How to convert a integers between 0 and 25 to corresponding ASCII characters?

Question

Say I have a number 0 that corresponds to the ASCII character a. How would I go about converting a number in the range 0 to 25 to letters in the alphabet?

I have already tried adding 97 to the decimal value, but it just outputs the number+97.

typedef enum {
    a, b, c, d, e, f, g, h, i, j, k, l, m, n, o, p, q, r, s, t, u, v, w, x, y, z
} set;

void dispSet(set numbers[], int size_numbers) {
  int i;
  printf("[ ");
  for (i = 0; i < size_numbers-1; i++) {
    printf("%d, ", ((char) numbers[i])+97);
  }
  printf("%d ]", ((char) numbers[size_numbers-1])+97);
  printf("\n");
}

Answer 1

You should should be pasing %c to printf, not %d.
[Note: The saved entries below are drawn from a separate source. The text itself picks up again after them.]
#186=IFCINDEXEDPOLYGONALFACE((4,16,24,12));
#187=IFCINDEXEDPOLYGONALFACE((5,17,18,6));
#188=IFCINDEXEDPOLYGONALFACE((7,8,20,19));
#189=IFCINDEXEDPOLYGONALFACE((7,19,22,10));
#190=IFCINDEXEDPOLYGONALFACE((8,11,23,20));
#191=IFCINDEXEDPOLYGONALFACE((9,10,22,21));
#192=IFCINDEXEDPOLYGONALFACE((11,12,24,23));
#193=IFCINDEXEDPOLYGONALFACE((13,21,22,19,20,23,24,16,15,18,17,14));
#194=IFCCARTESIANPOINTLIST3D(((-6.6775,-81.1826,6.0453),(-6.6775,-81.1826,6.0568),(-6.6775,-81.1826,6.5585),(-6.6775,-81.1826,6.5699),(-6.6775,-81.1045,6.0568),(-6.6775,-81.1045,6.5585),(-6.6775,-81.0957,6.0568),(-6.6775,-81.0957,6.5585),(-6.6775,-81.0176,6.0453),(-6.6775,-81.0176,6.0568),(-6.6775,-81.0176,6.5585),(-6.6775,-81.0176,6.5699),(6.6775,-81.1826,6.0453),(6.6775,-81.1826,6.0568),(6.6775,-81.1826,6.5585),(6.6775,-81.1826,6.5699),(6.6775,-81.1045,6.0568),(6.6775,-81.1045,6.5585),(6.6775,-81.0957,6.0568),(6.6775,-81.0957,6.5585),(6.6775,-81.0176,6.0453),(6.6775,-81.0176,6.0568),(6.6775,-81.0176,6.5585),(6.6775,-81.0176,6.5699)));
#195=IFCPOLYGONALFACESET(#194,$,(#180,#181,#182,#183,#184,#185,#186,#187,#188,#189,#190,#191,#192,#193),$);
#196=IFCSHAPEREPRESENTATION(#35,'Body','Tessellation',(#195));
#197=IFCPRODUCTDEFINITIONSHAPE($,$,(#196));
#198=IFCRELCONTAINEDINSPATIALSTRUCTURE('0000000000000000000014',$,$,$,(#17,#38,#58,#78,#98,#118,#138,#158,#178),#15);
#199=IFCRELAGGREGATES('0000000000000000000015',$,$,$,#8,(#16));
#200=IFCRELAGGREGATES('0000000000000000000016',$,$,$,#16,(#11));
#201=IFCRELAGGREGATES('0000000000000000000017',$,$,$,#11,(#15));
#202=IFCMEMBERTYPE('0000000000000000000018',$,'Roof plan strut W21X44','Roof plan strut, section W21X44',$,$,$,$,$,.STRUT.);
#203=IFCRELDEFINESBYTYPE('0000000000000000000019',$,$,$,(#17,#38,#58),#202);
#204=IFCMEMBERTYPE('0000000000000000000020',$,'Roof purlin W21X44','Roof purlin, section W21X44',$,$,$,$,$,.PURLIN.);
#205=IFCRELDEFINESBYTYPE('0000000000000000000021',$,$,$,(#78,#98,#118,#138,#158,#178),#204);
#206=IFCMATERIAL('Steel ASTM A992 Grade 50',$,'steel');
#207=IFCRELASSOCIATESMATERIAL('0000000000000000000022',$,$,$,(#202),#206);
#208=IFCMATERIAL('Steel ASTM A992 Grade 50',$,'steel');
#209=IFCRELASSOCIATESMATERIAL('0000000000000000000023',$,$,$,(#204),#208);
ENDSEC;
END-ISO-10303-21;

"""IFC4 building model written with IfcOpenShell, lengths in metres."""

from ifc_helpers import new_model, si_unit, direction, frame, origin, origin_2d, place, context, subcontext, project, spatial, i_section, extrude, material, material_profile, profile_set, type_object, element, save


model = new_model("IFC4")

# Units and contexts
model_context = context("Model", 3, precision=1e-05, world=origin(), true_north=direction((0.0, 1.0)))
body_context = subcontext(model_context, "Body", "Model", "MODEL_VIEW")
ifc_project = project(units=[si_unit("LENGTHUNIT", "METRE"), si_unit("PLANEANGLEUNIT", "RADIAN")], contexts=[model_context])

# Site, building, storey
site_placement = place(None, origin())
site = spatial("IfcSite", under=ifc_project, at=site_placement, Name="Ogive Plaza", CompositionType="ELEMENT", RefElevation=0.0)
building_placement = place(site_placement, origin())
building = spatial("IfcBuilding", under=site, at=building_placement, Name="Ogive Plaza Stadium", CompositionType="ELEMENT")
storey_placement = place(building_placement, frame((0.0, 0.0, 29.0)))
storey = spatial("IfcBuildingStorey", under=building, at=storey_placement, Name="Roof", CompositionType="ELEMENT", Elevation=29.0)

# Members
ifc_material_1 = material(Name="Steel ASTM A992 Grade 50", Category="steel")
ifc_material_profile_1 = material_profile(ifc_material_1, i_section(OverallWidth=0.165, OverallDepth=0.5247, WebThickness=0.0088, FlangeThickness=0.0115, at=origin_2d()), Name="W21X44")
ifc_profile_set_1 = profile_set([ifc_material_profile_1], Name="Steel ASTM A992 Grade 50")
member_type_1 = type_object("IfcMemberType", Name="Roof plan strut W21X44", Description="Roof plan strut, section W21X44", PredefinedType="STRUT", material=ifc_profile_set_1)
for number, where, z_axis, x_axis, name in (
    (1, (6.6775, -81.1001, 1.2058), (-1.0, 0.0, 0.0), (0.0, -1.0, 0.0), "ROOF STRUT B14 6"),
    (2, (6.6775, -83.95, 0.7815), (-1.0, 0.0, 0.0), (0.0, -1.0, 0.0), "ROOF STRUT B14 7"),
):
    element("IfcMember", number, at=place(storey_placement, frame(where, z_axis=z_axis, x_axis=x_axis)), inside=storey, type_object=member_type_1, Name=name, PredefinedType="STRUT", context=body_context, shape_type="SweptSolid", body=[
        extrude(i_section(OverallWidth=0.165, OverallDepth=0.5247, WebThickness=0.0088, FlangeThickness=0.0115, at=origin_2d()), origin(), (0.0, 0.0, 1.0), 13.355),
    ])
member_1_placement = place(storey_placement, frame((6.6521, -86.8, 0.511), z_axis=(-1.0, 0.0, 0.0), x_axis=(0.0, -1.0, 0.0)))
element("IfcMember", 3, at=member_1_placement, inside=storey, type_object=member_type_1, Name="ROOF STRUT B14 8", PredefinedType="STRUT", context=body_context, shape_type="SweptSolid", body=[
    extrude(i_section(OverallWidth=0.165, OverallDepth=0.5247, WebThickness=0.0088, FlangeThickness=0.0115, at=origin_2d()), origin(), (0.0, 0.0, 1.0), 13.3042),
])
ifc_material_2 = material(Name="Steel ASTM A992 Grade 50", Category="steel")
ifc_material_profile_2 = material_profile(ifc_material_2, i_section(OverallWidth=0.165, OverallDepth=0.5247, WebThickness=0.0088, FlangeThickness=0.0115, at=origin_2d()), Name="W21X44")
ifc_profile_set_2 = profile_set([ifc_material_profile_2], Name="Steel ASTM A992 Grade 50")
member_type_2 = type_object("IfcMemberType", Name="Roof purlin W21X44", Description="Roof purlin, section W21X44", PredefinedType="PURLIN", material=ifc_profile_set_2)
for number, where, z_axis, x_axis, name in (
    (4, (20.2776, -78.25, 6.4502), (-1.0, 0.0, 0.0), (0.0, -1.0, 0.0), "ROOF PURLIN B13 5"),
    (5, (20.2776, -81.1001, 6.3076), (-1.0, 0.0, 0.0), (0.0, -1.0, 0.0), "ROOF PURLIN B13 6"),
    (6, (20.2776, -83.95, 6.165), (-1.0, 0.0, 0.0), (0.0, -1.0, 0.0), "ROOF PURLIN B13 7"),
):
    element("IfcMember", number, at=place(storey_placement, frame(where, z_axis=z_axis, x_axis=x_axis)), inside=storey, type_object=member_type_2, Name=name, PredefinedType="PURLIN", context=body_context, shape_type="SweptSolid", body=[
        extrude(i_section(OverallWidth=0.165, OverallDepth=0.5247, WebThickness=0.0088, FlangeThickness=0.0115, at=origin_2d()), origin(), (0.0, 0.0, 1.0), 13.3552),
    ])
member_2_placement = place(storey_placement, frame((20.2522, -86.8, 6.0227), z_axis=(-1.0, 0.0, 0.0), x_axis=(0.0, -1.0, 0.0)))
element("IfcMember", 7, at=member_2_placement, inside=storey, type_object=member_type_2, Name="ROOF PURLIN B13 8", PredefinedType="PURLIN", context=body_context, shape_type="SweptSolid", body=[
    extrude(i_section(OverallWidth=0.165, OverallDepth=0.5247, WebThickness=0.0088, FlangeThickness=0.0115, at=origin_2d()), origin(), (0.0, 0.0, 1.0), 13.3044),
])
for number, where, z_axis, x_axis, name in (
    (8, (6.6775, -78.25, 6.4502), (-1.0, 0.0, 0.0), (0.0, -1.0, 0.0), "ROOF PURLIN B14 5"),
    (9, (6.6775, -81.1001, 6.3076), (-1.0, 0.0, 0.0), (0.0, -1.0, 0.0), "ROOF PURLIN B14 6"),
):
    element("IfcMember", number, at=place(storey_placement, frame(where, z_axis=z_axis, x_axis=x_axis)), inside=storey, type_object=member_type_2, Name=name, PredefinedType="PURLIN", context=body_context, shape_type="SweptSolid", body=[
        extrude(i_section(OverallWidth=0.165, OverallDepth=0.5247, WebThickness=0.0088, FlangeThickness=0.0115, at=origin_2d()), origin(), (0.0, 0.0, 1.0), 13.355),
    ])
The format specifier, tells printf how to interpret the supplied paramters. If you pass %d, it will interpret the arguments as an integer. By specifying %c, you tell it to interpret the argument as a character. The manpages / help for printf, eventually lead to some 'format specifiers', which gives you the full list.

Personally, I tend to use someValue + 'a', or someValue + 'A', because I find it a bit easier to follow the code.